Question

If A and B are symmetric matrices of the same order, Prove that AB – BA is a symmetric matrix.

Answer 1

Hint – In this particular question use the concept that a symmetric matrix is always a square matrix (i.e. rows and columns are the same) and it is always equal to its transpose so use these concepts to reach the solution of the question.

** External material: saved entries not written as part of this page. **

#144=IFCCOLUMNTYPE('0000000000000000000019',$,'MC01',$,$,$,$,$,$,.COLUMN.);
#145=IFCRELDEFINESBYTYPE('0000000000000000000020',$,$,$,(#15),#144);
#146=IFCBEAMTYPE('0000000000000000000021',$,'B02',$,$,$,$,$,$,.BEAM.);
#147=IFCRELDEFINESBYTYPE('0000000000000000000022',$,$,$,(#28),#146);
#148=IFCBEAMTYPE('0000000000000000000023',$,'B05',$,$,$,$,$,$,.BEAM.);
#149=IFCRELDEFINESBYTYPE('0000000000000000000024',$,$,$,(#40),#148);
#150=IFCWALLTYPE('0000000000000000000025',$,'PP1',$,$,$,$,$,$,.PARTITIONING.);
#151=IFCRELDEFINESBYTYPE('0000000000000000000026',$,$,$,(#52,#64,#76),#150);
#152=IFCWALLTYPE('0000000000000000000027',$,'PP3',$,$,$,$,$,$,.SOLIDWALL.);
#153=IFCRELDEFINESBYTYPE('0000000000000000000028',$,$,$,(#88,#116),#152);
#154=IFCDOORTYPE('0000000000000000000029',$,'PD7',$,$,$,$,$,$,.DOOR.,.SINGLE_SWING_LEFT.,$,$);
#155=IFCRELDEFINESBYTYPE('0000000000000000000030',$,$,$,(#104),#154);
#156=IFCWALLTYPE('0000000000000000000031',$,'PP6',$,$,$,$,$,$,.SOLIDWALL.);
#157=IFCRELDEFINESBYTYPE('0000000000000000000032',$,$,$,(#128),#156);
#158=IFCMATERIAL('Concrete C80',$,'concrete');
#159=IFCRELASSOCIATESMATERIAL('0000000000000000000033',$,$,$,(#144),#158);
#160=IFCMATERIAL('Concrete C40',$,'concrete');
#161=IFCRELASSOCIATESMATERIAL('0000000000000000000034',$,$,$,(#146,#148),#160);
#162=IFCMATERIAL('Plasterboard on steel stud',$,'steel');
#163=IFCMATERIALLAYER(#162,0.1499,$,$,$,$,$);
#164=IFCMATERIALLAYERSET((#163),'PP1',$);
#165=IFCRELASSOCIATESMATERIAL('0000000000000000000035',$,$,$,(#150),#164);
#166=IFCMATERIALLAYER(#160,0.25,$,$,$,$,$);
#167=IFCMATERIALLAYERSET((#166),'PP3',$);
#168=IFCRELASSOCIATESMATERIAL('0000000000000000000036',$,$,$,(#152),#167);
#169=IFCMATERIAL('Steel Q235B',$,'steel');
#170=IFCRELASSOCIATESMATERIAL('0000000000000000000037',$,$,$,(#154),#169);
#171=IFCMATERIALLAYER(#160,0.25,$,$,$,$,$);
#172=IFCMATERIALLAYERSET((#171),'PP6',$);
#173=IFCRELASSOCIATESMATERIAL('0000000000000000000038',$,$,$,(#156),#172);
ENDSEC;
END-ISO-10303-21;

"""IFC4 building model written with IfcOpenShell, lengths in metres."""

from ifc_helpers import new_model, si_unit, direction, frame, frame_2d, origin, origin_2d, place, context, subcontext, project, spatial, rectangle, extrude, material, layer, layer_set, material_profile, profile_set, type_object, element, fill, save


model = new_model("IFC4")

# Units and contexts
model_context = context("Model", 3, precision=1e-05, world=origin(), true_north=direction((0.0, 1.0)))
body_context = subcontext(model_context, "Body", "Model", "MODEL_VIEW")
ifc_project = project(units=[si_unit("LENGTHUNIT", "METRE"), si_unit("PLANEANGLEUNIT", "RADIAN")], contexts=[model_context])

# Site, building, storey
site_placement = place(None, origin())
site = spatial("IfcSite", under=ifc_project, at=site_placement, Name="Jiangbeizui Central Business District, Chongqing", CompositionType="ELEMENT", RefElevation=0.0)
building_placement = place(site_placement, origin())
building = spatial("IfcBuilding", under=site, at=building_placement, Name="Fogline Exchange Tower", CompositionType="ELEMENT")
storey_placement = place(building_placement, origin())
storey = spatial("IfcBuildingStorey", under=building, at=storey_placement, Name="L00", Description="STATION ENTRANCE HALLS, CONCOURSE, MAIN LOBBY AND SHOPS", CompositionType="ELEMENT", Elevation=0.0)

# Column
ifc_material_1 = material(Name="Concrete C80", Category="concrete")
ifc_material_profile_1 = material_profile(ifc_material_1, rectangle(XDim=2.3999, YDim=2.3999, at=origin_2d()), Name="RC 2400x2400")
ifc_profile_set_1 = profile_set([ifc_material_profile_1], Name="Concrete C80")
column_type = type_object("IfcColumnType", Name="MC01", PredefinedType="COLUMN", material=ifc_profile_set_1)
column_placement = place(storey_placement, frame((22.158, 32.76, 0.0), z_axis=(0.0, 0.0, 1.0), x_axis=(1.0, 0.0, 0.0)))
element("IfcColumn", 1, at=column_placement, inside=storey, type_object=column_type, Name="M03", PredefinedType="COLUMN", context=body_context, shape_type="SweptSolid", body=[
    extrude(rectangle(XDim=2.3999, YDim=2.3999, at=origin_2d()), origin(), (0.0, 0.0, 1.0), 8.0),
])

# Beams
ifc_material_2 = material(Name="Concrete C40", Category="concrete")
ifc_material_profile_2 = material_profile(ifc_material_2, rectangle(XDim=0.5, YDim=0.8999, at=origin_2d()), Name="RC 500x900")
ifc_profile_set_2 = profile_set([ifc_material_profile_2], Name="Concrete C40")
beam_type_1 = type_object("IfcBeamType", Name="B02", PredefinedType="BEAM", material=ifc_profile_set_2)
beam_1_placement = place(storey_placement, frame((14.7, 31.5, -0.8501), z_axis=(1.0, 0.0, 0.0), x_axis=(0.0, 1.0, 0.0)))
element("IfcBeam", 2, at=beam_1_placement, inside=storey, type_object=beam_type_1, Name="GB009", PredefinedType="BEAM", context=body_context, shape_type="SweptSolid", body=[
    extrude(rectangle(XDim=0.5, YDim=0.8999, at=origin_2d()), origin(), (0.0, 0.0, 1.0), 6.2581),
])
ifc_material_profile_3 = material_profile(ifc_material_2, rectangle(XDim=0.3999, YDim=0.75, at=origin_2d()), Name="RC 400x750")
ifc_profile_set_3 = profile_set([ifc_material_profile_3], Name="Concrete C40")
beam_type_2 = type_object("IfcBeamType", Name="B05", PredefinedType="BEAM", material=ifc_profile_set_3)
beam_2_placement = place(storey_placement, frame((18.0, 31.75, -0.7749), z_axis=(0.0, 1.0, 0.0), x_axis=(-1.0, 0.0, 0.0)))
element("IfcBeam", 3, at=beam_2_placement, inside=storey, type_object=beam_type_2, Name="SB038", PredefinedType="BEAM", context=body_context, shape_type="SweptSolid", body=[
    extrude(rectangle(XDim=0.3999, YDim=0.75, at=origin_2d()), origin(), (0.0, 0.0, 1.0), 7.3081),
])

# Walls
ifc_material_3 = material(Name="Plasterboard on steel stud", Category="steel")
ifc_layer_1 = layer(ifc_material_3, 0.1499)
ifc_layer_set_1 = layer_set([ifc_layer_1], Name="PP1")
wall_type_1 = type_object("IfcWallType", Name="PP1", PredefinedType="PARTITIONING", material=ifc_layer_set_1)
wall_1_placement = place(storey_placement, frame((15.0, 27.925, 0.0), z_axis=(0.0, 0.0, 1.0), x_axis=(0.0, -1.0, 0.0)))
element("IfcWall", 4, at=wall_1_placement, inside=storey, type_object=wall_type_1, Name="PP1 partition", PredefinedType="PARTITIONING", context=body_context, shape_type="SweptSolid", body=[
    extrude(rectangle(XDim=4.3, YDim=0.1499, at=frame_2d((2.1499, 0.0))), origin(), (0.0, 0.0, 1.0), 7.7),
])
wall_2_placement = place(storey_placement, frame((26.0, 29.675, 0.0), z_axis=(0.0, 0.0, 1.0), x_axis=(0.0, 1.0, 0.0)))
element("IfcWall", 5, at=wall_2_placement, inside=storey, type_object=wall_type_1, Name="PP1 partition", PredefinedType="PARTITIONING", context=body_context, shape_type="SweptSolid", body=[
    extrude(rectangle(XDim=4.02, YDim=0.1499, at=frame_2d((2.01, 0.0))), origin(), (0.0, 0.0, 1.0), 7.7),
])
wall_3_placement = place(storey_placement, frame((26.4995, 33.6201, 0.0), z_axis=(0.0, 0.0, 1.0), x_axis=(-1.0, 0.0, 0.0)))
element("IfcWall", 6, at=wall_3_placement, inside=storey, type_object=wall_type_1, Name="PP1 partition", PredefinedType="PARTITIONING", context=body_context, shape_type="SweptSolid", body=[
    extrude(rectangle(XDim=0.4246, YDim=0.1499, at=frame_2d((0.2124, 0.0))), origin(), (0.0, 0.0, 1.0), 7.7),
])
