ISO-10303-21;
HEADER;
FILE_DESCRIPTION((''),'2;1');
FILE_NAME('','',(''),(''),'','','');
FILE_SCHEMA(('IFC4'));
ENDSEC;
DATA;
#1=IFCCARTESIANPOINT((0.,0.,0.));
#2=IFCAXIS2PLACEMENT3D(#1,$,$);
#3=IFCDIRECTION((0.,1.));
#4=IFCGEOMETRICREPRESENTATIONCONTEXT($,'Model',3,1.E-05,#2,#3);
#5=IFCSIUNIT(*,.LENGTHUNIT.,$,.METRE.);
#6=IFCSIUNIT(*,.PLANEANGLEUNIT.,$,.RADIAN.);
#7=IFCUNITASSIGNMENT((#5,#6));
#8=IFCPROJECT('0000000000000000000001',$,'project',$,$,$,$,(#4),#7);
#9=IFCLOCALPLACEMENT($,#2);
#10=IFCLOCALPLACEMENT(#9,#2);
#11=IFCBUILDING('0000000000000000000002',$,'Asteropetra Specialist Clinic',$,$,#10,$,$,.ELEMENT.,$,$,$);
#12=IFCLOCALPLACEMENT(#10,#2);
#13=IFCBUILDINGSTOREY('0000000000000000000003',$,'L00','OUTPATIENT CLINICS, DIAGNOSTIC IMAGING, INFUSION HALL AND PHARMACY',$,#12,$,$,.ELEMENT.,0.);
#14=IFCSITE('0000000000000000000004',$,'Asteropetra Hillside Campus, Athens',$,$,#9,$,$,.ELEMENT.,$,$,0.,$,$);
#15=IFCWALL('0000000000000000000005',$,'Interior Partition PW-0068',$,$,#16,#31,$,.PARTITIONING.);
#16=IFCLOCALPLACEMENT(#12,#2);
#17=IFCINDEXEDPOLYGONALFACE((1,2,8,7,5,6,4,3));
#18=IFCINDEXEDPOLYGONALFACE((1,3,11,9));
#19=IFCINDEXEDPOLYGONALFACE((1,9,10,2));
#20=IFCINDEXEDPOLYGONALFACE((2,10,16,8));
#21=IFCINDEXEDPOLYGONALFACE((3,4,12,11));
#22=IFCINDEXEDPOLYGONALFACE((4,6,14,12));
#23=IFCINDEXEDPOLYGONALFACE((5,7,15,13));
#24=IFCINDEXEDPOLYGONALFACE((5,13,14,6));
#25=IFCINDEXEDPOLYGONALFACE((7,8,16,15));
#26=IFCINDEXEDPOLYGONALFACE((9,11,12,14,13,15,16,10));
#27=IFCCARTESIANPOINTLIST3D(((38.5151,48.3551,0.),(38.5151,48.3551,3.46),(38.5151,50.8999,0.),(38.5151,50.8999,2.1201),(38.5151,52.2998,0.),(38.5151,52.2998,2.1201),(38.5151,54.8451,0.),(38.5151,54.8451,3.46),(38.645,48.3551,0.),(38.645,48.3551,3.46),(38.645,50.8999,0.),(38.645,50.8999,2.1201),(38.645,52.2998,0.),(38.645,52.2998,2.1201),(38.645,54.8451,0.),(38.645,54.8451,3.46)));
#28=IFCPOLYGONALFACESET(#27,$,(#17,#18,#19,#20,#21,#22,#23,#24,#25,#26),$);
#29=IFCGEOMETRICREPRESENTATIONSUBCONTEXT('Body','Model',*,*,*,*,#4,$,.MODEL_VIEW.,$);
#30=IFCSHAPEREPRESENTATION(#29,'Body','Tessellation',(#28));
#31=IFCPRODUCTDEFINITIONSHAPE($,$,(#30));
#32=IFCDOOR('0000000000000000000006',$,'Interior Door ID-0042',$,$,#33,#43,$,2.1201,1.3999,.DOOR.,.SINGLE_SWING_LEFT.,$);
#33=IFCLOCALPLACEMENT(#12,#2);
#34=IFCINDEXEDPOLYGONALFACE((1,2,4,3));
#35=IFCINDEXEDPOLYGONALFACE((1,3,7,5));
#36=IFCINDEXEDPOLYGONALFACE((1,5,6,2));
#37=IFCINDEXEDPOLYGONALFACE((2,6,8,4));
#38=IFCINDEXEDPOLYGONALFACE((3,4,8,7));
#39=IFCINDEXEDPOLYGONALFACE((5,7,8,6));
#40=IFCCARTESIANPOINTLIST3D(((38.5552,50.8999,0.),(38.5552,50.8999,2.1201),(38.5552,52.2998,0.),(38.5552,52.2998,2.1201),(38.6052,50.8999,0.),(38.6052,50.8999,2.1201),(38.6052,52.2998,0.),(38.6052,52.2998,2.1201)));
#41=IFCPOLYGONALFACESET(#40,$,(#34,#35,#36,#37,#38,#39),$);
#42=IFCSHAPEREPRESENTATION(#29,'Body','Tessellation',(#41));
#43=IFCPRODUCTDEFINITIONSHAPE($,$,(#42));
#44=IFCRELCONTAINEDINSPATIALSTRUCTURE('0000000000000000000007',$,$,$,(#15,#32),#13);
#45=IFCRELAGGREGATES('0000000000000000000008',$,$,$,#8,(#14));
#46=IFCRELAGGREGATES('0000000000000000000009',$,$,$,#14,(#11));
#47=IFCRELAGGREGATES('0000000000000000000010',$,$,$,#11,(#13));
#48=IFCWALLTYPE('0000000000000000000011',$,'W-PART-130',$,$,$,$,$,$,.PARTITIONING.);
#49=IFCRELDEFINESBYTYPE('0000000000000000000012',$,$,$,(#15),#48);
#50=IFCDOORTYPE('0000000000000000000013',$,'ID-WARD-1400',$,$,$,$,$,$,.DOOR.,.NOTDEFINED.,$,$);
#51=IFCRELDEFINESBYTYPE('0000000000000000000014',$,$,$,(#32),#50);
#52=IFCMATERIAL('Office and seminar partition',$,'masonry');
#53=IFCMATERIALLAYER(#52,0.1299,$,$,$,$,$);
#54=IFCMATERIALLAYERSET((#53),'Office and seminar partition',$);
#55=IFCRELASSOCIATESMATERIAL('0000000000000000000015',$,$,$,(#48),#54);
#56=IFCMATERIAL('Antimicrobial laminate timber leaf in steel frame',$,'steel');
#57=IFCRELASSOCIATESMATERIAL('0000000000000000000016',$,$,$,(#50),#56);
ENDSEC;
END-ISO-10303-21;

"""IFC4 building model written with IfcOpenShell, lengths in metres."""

from ifc_helpers import new_model, si_unit, direction, frame, frame_2d, origin, place, context, subcontext, project, spatial, rectangle, extrude, material, layer, layer_set, type_object, element, fill, save


model = new_model("IFC4")

# Units and contexts
model_context = context("Model", 3, precision=1e-05, world=origin(), true_north=direction((0.0, 1.0)))
body_context = subcontext(model_context, "Body", "Model", "MODEL_VIEW")
ifc_project = project(units=[si_unit("LENGTHUNIT", "METRE"), si_unit("PLANEANGLEUNIT", "RADIAN")], contexts=[model_context])

# Site, building, storey
site_placement = place(None, origin())
site = spatial("IfcSite", under=ifc_project, at=site_placement, Name="Asteropetra Hillside Campus, Athens", CompositionType="ELEMENT", RefElevation=0.0)
building_placement = place(site_placement, origin())
building = spatial("IfcBuilding", under=site, at=building_placement, Name="Asteropetra Specialist Clinic", CompositionType="ELEMENT")
storey_placement = place(building_placement, origin())
storey = spatial("IfcBuildingStorey", under=building, at=storey_placement, Name="L00", Description="OUTPATIENT CLINICS, DIAGNOSTIC IMAGING, INFUSION HALL AND PHARMACY", CompositionType="ELEMENT", Elevation=0.0)

# Wall, opening, door
ifc_material_1 = material(Name="Office and seminar partition", Category="masonry")
ifc_layer_1 = layer(ifc_material_1, 0.1299)
ifc_layer_set_1 = layer_set([ifc_layer_1], Name="Office and seminar partition")
wall_type_1 = type_object("IfcWallType", Name="W-PART-130", PredefinedType="PARTITIONING", material=ifc_layer_set_1)
wall_1_placement = place(storey_placement, frame((38.5801, 48.355, 0.0), z_axis=(0.0, 0.0, 1.0), x_axis=(0.0, 1.0, 0.0)))
wall_1 = element("IfcWall", 1, at=wall_1_placement, inside=storey, type_object=wall_type_1, Name="Interior Partition PW-0068", PredefinedType="PARTITIONING", context=body_context, shape_type="SweptSolid", body=[
    extrude(rectangle(XDim=6.49, YDim=0.1299, at=frame_2d((3.2451, 0.0))), origin(), (0.0, 0.0, 1.0), 3.46),
])
opening_placement = place(wall_1_placement, frame((2.5449, 0.0, 0.0)))
opening = element("IfcOpeningElement", 2, at=opening_placement, cuts=wall_1, PredefinedType="OPENING", context=body_context, shape_type="SweptSolid", body=[
    extrude(rectangle(XDim=1.3999, YDim=2.1201, at=frame_2d((0.7, 1.0601))), frame((0.0, 0.075, 0.0), z_axis=(0.0, -1.0, 0.0), x_axis=(1.0, 0.0, 0.0)), (0.0, 0.0, 1.0), 0.1499),
])
ifc_material_2 = material(Name="Antimicrobial laminate timber leaf in steel frame", Category="steel")
door_type = type_object("IfcDoorType", Name="ID-WARD-1400", OperationType="NOTDEFINED", PredefinedType="DOOR", material=ifc_material_2)
door_placement = place(opening_placement, origin())
door = element("IfcDoor", 3, at=door_placement, inside=storey, type_object=door_type, Name="Interior Door ID-0042", OperationType="SINGLE_SWING_LEFT", OverallHeight=2.1201, OverallWidth=1.3999, PredefinedType="DOOR", context=body_context, shape_type="SweptSolid", body=[
    extrude(rectangle(XDim=1.3999, YDim=2.1201, at=frame_2d((0.7, 1.0601))), frame((0.0, 0.0249, 0.0), z_axis=(0.0, -1.0, 0.0), x_axis=(1.0, 0.0, 0.0)), (0.0, 0.0, 1.0), 0.05),
])
fill(opening, door)

save(model, "model.ifc")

Complete step-by-step answer:
As we all know a symmetric matrix is a square matrix which is always equal to its transpose of the matrix.
For example:
Consider a matrix M = \[\left[ {\begin{array}{*{20}{c}}
  0&1 \\
  1&0
\end{array}} \right]\]
Now take the transpose of this matrix we have,
$ \Rightarrow {M^T} = {\left[ {\begin{array}{*{20}{c}}
  0&1 \\
  1&0
\end{array}} \right]^T}$, where T is the sign for the transpose.
Now apply the transpose (i.e. in transpose rows changed into column and column changed into rows).
$ \Rightarrow {M^T} = \left[ {\begin{array}{*{20}{c}}
  0&1 \\
  1&0
\end{array}} \right]$
Therefore, $M = {M^T}$
So as we see that M and ${M^T}$ are the same therefore it is called a symmetric matrix.
Now it is given that A and B are the symmetric matrix of the same order.
So consider any symmetric matrix of order $\left( {2 \times 2} \right)$
Let, A = \[\left[ {\begin{array}{*{20}{c}}
  0&1 \\
  1&0
\end{array}} \right]\] and B = \[\left[ {\begin{array}{*{20}{c}}
  2&1 \\
  1&2
\end{array}} \right]\]
So it is a symmetric matrix
Therefore, $A = {A^T}{\text{ and }}B = {B^T}$
Now we have to prove AB – BA is a symmetric matrix.
Proof –
Now first find out the values of AB and BA
Therefore, AB = \[\left[ {\begin{array}{*{20}{c}}
  0&1 \\
  1&0
\end{array}} \right]\left[ {\begin{array}{*{20}{c}}
  2&1 \\
  1&2
\end{array}} \right]\]
 Now apply matrix multiplication we have,
$ \Rightarrow $AB = \[\left[ {\begin{array}{*{20}{c}}
  0&1 \\
  1&0
\end{array}} \right]\left[ {\begin{array}{*{20}{c}}
  2&1 \\
  1&2
\end{array}} \right] = \left[ {\begin{array}{*{20}{c}}
  {0 \times 2 + 1 \times 1}&{0 \times 1 + 1 \times 2} \\
  {1 \times 2 + 0 \times 1}&{1 \times 1 + 0 \times 2}
\end{array}} \right] = \left[ {\begin{array}{*{20}{c}}
  1&2 \\
  2&1
\end{array}} \right]\]
Now find out BA
Therefore, BA = \[\left[ {\begin{array}{*{20}{c}}
  2&1 \\
  1&2
\end{array}} \right]\left[ {\begin{array}{*{20}{c}}
  0&1 \\
  1&0
\end{array}} \right] = \left[ {\begin{array}{*{20}{c}}
  {2 \times 0 + 1 \times 1}&{2 \times 1 + 1 \times 0} \\
  {1 \times 0 + 2 \times 1}&{1 \times 1 + 2 \times 0}
\end{array}} \right] = \left[ {\begin{array}{*{20}{c}}
  1&2 \\
  2&1
\end{array}} \right]\]
So as we see that the value of the AB and BA are coming the same.
So the difference of these matrix is a zero matrix which is given as,
Therefore, AB – BA = \[\left[ {\begin{array}{*{20}{c}}
  1&2 \\
  2&1
\end{array}} \right] - \left[ {\begin{array}{*{20}{c}}
  1&2 \\
  2&1
\end{array}} \right] = \left[ {\begin{array}{*{20}{c}}
  0&0 \\
  0&0
\end{array}} \right]\]
Now take the transpose of the above matrix we have,
\[ \Rightarrow {\left( {AB - BA} \right)^T} = {\left[ {\begin{array}{*{20}{c}}
  0&0 \\
  0&0
\end{array}} \right]^T} = \left[ {\begin{array}{*{20}{c}}
  0&0 \\
  0&0
\end{array}} \right] = \] (AB – BA)
So the condition of symmetricity is satisfied.
Hence proved.

Note – Whenever we face such types of question the key concept we have to remember is that in a symmetric matrix (consider an order ($2 \times 2$)), the diagonal elements are always equal, so first assume any two symmetric matrix A and B as above, then calculate the values of AB and BA as above, then calculate (AB – BA) and its transpose we get the required result.